The rest of the Bible affirms this natural sense. In Isaiah 5:20, God rebukes the Israelites for confusing good and evil by saying that they mistook darkness for light. In John 1:5, the incarnation of Jesus occurs despite a darkness that couldn’t understand him. The apostle Paul encourages early Christians in Ephesians 5:8, to live as children of light in contrast to their former state of darkness.
Light is good. Darkness is bad. It seems simple enough. Without explanation, it makes sense to us. But why? Why should the light be called good? What is so good about light?
History has affirmed our innate sense of the goodness of light. From the earliest days, people have created technology to cultivate light. The desire for light in dark places has driven countless inventions and innovations.
Imagine a primitive culture without any source of artificial light. Or simply imagine going camping without a flashlight or lantern. Wouldn’t one of your first desires—your first attempt at extending your natural capabilities—be to make it light when it would otherwise be dark?

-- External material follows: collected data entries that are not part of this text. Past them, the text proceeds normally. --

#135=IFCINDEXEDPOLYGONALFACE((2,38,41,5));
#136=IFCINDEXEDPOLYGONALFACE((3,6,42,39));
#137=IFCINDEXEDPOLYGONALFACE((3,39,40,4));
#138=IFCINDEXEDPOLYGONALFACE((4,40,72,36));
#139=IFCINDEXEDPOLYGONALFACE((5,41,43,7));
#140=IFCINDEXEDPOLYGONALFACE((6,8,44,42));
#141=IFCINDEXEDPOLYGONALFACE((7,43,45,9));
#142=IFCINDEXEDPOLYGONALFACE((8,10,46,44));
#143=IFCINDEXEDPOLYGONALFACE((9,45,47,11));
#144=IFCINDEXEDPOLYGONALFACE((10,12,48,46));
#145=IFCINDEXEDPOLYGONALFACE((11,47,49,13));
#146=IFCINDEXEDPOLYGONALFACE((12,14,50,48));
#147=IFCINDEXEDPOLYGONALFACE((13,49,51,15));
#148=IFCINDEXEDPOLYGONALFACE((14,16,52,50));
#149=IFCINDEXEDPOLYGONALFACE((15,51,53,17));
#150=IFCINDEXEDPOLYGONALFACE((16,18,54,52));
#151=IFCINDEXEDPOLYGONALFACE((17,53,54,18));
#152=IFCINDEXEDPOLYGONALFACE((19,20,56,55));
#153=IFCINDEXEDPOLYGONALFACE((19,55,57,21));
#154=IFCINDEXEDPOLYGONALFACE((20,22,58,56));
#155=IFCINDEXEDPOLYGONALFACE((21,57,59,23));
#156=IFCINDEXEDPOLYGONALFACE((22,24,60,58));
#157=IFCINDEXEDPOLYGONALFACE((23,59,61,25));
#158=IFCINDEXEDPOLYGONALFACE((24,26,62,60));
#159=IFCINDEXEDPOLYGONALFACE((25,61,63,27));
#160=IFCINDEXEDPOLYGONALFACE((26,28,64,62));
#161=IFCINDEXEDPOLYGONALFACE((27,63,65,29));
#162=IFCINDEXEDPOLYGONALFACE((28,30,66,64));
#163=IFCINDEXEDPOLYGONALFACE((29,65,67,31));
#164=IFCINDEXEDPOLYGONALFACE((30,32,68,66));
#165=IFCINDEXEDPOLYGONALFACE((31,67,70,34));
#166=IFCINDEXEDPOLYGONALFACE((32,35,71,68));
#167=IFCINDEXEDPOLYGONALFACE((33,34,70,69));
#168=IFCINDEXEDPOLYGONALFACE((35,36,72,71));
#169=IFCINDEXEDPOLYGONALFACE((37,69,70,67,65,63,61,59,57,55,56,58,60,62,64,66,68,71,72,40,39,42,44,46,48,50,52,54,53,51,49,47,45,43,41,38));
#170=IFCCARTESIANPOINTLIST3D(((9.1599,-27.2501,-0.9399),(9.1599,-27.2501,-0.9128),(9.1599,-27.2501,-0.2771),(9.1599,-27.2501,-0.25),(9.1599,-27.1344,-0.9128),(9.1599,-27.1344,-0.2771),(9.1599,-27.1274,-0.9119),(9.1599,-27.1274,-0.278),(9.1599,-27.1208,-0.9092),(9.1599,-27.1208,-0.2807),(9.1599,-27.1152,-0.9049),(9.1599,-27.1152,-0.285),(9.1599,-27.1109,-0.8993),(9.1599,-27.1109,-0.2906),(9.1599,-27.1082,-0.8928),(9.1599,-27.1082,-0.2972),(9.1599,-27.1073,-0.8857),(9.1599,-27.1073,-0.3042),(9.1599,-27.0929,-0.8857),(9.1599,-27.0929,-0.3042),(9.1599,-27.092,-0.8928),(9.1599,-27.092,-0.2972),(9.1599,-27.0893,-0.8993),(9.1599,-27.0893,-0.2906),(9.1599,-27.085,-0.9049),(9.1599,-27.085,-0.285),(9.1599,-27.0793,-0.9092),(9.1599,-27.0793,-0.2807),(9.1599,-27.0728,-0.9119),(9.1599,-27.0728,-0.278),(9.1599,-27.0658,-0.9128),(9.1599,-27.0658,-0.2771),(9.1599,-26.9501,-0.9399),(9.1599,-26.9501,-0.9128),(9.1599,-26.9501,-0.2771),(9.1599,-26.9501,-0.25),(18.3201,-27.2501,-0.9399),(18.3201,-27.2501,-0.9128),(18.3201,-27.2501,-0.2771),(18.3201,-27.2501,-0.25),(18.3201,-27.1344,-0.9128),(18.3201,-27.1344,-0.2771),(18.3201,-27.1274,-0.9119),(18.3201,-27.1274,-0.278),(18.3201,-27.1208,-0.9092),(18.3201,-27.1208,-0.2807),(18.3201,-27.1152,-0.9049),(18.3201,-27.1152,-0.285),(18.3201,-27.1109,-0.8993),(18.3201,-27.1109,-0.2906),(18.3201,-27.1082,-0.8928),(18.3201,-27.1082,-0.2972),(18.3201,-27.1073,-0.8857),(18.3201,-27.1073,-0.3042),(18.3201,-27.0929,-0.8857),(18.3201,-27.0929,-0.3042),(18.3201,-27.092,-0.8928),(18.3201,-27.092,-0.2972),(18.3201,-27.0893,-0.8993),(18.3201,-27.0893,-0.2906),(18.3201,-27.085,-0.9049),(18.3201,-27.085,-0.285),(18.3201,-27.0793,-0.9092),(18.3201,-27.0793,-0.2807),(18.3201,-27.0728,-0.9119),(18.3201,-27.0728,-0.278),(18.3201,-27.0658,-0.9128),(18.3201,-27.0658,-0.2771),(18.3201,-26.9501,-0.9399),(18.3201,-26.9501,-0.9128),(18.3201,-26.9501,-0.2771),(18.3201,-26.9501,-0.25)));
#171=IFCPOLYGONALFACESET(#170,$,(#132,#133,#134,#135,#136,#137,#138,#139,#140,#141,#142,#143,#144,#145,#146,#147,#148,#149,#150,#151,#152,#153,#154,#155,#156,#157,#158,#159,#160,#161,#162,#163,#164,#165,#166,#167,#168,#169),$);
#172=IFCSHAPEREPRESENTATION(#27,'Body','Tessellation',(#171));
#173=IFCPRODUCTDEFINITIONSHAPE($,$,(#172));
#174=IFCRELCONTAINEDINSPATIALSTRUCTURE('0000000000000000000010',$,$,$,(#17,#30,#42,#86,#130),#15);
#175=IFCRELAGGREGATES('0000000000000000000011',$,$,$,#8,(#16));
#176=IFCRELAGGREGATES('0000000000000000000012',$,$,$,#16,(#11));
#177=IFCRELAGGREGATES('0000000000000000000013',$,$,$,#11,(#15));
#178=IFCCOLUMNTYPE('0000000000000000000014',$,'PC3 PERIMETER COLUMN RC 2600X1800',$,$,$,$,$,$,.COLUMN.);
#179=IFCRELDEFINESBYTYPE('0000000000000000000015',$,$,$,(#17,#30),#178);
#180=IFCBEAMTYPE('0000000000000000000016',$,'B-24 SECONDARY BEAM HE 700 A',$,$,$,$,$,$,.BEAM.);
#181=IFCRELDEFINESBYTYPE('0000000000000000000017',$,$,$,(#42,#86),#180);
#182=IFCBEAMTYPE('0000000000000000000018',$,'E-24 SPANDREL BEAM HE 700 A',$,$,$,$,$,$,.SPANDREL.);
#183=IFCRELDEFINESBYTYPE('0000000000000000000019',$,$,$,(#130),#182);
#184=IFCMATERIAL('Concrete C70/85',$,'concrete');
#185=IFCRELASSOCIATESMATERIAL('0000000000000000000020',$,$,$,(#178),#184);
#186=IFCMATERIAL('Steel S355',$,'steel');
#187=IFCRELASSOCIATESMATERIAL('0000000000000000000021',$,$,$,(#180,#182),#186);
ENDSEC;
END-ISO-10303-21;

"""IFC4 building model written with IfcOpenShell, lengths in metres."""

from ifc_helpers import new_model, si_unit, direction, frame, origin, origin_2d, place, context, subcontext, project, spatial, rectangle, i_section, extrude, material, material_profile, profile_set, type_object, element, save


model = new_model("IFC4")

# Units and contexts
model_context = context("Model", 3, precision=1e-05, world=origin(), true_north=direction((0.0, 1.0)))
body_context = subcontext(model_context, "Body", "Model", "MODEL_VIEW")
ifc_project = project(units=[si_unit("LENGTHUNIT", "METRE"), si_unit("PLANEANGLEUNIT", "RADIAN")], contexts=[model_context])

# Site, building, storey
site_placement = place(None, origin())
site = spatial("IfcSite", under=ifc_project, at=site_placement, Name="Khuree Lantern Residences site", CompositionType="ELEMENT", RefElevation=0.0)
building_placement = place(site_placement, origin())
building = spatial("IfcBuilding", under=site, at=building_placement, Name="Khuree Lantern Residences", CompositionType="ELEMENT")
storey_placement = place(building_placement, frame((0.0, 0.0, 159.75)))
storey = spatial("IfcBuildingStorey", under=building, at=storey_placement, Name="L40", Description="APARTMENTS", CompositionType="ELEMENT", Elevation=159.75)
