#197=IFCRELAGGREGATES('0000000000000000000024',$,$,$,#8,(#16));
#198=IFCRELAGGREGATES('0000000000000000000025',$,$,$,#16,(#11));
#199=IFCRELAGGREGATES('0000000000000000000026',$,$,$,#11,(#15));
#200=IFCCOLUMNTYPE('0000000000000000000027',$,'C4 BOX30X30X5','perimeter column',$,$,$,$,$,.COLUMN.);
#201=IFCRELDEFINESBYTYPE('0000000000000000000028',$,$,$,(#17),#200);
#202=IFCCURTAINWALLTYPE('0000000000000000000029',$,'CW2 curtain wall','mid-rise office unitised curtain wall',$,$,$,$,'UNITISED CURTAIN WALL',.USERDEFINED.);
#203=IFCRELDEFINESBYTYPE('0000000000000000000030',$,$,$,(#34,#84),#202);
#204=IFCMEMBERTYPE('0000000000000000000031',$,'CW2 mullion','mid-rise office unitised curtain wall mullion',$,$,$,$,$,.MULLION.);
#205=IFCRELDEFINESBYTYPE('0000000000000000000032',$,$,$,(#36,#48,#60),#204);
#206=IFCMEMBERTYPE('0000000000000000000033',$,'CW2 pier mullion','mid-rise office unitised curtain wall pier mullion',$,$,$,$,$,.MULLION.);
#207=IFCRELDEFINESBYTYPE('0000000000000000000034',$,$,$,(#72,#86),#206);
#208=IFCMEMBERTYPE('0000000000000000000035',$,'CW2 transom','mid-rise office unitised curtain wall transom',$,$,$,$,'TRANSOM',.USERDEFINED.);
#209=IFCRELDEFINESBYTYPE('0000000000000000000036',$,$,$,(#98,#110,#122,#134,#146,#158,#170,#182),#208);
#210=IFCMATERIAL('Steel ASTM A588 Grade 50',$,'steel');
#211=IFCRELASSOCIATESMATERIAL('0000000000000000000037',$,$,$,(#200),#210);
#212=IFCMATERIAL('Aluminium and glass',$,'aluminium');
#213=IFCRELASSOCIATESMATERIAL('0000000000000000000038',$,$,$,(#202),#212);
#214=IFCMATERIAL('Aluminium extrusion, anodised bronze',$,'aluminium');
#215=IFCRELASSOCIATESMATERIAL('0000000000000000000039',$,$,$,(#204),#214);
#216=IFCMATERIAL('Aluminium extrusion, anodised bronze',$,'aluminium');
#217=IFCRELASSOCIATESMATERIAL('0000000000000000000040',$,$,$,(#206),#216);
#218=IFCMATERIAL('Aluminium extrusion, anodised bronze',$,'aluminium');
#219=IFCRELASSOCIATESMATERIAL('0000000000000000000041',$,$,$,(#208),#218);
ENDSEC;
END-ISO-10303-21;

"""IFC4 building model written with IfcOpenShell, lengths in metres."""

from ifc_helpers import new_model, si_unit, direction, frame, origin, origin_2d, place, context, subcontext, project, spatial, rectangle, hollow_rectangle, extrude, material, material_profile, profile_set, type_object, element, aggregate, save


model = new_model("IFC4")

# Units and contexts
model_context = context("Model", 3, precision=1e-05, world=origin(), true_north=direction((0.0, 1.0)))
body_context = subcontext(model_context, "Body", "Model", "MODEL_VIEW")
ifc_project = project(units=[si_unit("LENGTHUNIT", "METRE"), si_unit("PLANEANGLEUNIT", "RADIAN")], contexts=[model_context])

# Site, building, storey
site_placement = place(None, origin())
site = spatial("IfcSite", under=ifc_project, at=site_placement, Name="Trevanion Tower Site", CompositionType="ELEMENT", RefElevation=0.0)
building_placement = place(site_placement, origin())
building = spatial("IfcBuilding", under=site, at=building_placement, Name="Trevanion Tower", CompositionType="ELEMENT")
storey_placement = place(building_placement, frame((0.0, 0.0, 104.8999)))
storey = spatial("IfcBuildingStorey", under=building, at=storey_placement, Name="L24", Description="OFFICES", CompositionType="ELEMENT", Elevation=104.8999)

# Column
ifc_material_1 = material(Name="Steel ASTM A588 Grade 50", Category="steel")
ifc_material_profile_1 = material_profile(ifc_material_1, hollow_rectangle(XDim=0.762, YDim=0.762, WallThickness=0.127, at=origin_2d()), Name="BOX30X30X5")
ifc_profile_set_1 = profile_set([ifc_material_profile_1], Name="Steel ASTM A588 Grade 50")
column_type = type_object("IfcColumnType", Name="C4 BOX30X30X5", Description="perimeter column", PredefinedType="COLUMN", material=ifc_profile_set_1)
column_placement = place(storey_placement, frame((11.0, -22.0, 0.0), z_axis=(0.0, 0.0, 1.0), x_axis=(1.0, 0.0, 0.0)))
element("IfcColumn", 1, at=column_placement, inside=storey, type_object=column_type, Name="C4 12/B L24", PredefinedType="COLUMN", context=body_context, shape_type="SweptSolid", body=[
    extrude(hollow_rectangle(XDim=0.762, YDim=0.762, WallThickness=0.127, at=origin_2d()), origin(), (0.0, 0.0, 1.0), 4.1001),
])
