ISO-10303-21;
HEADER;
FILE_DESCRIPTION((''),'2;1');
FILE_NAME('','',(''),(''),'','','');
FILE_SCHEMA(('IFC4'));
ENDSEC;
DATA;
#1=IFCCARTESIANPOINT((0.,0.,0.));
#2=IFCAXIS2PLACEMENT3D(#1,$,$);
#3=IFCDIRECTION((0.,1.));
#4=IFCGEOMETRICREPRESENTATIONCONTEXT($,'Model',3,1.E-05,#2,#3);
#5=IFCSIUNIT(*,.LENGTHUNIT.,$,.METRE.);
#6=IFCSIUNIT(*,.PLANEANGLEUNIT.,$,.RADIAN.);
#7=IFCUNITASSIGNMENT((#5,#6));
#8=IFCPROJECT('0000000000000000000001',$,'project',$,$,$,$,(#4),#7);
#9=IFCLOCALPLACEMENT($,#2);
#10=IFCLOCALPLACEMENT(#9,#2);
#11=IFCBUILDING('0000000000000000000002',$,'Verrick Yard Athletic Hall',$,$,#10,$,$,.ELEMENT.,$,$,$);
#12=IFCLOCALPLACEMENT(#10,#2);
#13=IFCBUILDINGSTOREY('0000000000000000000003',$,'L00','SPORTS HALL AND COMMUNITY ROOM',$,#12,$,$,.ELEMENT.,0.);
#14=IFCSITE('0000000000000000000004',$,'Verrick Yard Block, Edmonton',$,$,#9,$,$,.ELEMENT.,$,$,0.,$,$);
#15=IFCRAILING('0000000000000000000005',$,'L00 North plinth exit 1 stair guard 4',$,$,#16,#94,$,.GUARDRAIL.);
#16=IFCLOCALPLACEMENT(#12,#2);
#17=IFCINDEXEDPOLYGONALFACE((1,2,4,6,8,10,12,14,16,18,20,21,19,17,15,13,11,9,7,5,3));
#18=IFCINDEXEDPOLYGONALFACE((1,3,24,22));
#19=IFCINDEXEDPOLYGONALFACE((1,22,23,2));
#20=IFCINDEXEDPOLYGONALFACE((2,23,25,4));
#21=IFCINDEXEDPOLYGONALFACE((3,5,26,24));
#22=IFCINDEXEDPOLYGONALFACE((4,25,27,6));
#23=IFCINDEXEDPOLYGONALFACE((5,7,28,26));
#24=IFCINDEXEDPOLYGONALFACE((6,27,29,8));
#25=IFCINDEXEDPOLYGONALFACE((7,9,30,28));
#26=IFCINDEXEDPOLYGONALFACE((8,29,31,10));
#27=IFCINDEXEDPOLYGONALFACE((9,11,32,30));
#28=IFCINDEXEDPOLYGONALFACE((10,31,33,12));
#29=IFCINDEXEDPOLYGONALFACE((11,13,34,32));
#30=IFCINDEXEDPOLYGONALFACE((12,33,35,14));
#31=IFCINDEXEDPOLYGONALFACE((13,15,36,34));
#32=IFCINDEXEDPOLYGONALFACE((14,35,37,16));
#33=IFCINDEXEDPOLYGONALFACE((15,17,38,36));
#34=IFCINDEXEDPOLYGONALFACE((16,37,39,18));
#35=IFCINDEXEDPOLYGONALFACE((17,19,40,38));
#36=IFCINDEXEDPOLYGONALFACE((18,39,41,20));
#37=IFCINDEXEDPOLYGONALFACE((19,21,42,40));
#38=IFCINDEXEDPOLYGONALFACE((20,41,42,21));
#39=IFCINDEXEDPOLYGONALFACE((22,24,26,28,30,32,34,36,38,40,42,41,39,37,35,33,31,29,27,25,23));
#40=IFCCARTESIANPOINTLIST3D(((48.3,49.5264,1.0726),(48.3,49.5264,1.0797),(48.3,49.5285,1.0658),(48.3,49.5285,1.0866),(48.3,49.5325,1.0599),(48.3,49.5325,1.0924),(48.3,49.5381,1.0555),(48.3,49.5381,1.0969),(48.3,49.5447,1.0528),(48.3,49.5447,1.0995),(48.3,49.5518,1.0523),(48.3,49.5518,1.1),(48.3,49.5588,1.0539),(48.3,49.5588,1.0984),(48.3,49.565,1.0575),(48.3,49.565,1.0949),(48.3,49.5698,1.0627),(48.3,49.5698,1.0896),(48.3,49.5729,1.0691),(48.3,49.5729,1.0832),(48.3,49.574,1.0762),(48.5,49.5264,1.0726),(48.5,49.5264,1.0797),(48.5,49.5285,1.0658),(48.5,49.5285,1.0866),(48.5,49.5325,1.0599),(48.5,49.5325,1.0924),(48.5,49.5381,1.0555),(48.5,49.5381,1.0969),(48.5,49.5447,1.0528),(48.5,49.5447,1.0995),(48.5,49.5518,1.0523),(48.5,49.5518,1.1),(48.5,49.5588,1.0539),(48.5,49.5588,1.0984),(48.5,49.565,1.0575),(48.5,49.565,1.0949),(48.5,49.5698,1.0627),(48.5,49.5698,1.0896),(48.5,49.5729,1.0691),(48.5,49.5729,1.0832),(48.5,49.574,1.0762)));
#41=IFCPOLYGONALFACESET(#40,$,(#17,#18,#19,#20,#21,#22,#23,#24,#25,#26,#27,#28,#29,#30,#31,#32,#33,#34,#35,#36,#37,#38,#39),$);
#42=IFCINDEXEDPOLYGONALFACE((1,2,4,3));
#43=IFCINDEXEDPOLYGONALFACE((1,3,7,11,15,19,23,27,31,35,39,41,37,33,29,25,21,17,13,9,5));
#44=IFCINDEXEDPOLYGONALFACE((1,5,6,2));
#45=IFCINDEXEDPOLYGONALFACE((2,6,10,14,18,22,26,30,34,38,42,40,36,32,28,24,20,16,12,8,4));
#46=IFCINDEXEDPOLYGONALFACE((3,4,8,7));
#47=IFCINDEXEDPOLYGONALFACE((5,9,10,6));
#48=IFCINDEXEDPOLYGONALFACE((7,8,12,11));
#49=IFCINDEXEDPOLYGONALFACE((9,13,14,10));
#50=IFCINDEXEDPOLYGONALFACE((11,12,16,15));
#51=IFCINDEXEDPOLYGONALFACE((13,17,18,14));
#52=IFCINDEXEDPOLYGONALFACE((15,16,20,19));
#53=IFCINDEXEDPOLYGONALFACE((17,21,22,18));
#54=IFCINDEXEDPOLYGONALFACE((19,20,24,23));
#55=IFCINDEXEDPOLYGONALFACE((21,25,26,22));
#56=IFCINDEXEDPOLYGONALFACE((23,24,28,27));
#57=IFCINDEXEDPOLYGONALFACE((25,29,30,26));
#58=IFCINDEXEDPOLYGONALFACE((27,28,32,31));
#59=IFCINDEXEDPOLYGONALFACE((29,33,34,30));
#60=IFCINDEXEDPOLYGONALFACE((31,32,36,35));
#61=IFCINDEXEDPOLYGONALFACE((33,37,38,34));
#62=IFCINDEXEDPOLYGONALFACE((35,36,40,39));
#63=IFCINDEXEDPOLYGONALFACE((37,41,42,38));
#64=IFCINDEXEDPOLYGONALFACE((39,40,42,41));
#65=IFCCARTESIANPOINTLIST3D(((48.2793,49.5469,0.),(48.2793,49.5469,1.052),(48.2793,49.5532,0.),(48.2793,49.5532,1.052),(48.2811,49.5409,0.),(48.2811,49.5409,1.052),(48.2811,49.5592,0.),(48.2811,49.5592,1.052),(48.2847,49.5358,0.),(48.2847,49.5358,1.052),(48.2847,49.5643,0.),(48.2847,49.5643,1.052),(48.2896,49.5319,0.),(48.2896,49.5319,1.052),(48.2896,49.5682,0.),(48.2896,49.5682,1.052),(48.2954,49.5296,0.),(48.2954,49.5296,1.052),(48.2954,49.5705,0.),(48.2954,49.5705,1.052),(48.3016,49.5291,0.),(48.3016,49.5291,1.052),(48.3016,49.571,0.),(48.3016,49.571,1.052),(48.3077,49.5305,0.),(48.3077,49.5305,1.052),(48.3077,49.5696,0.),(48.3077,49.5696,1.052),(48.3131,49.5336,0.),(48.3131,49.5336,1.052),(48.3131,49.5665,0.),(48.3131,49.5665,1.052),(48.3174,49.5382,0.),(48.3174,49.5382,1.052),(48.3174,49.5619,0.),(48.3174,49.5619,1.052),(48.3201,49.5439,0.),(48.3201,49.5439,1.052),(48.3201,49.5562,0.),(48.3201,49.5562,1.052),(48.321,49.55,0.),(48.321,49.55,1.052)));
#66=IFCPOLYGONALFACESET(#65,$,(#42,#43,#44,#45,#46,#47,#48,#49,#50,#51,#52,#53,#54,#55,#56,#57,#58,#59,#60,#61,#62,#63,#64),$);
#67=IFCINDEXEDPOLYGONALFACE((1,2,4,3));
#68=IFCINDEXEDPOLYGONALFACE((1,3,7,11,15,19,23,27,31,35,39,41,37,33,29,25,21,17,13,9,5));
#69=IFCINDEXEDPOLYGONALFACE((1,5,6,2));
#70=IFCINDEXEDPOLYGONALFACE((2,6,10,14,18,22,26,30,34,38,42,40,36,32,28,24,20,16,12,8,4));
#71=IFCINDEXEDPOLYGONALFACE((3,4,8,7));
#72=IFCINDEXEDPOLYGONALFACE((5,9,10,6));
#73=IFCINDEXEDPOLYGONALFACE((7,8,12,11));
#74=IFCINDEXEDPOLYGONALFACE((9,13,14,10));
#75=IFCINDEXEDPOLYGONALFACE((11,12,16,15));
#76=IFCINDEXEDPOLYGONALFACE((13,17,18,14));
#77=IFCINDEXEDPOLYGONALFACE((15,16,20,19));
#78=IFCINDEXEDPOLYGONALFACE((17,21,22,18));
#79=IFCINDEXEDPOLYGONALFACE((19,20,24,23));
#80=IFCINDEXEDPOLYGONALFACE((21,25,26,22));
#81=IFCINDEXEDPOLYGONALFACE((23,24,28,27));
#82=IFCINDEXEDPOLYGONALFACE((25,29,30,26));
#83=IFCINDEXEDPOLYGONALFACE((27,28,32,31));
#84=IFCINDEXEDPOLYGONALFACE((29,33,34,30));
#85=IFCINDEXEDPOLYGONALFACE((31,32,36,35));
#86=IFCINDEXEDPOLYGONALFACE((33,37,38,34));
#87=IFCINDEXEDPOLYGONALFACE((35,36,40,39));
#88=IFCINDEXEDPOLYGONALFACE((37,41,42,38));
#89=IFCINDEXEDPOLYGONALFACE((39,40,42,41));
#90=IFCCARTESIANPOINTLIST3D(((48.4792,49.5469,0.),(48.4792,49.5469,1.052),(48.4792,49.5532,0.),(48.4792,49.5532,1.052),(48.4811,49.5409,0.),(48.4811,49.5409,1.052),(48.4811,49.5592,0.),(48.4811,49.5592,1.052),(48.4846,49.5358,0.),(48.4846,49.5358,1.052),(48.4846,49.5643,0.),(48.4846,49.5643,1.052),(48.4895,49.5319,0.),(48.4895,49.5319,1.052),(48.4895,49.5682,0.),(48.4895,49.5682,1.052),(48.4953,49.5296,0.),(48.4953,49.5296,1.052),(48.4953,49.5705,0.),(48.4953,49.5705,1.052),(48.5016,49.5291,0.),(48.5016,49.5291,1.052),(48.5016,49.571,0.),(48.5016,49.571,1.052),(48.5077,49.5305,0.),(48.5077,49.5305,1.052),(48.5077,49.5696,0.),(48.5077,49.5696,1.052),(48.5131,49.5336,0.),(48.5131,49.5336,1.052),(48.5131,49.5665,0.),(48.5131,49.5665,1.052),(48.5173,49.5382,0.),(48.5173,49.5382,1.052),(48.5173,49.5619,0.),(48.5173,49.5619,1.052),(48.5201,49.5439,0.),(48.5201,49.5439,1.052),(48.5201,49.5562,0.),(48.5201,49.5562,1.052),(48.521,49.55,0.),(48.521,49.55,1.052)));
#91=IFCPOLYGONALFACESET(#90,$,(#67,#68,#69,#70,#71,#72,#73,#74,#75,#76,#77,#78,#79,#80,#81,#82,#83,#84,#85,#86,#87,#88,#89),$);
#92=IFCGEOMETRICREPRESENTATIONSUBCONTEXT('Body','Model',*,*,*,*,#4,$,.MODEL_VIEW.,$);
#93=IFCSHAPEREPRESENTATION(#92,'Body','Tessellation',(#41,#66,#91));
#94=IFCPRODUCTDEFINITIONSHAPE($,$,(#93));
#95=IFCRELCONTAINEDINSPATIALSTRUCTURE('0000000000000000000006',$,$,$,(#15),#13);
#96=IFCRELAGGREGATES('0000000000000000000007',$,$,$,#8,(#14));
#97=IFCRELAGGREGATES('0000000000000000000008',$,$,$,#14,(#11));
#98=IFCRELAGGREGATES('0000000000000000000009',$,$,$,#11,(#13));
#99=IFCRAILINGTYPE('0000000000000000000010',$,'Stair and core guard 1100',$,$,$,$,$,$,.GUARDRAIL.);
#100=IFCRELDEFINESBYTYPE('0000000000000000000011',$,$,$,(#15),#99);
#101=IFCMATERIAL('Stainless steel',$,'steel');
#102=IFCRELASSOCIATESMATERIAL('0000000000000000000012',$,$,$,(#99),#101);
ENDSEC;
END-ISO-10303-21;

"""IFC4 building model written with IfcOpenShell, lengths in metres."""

from ifc_helpers import new_model, si_unit, direction, frame, origin, origin_2d, place, context, subcontext, project, spatial, circle, extrude, material, type_object, element, save


model = new_model("IFC4")

# Units and contexts
model_context = context("Model", 3, precision=1e-05, world=origin(), true_north=direction((0.0, 1.0)))
body_context = subcontext(model_context, "Body", "Model", "MODEL_VIEW")
ifc_project = project(units=[si_unit("LENGTHUNIT", "METRE"), si_unit("PLANEANGLEUNIT", "RADIAN")], contexts=[model_context])

# Site, building, storey
site_placement = place(None, origin())
site = spatial("IfcSite", under=ifc_project, at=site_placement, Name="Verrick Yard Block, Edmonton", CompositionType="ELEMENT", RefElevation=0.0)
building_placement = place(site_placement, origin())
building = spatial("IfcBuilding", under=site, at=building_placement, Name="Verrick Yard Athletic Hall", CompositionType="ELEMENT")
storey_placement = place(building_placement, origin())
storey = spatial("IfcBuildingStorey", under=building, at=storey_placement, Name="L00", Description="SPORTS HALL AND COMMUNITY ROOM", CompositionType="ELEMENT", Elevation=0.0)

# Railing
ifc_material_1 = material(Name="Stainless steel", Category="steel")
railing_type_1 = type_object("IfcRailingType", Name="Stair and core guard 1100", PredefinedType="GUARDRAIL", material=ifc_material_1)
railing_1_placement = place(storey_placement, frame((48.3, 49.55, 0.0)))
element("IfcRailing", 1, at=railing_1_placement, inside=storey, type_object=railing_type_1, Name="L00 North plinth exit 1 stair guard 4", PredefinedType="GUARDRAIL", context=body_context, shape_type="SweptSolid", body=[
    extrude(circle(Radius=0.0239, at=origin_2d()), frame((0.0, 0.0, 1.0762), z_axis=(1.0, 0.0, 0.0), x_axis=(0.0, 1.0, 0.0)), (0.0, 0.0, 1.0), 0.2),
    extrude(circle(Radius=0.021, at=origin_2d()), origin(), (0.0, 0.0, 1.0), 1.052),
    extrude(circle(Radius=0.021, at=origin_2d()), frame((0.2, 0.0, 0.0)), (0.0, 0.0, 1.0), 1.052),
])

save(model, "model.ifc")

The development of light technology spans beyond recorded human history. The earliest humans may have managed to control fire by 400,000 BCE. Torches allowed the convenience of portable light, though lamps wouldn’t come about for at least 300,000 years.
After the candle became common a few hundred years before the birth of Jesus, humans had to wait almost two thousand years for new lighting developments. But in the 19th century, the arc lamp gave way to the gas street light, which led to kerosene lamps. Finally, the invention that now serves as the icon of a good idea, the light bulb was born in 1879.
Light technology has continued to develop from neon to fluorescent to LED and fiber optics. You may have missed the excitement of 2015 being declared the “year of the light” (http://www.light2015.org). And you may be unaware that light based photonics are poised by replace silicon in powering the computers of the future (http://www.technologist.eu/tag/light/).
We may never stop innovating on creating more and better of the light that God called good so long ago.
Let’s go back to that dark cave for a moment. When we turned off our flashlights, my immediate response was fear of the unknown. But another sense quickly followed my anxiety. In the dark, I wasn’t only scared. I also felt powerful.
I realized that in a world where no one could see me, I could do anything that I wanted. And no one would know. Rarely had I known that kind of power.
If light is so good, then why did the darkness fill me with a sense of power?
Light has to do with truth. At its core, light doesn’t do anything. Light doesn’t create or modify or enhance what is. It simply reveals. Light exposes what is.
Most of the time I want to know what is true. Most of the time, I want to be able to see reality as it actually is. But there are times when I’d rather reality be different. There are times when I’d rather not see the truth. And there are many more times when I’d rather others not see the truth about me.
Technology can help us to shine light into dark places. But technology can also provide the cover of darkness for those who prefer it.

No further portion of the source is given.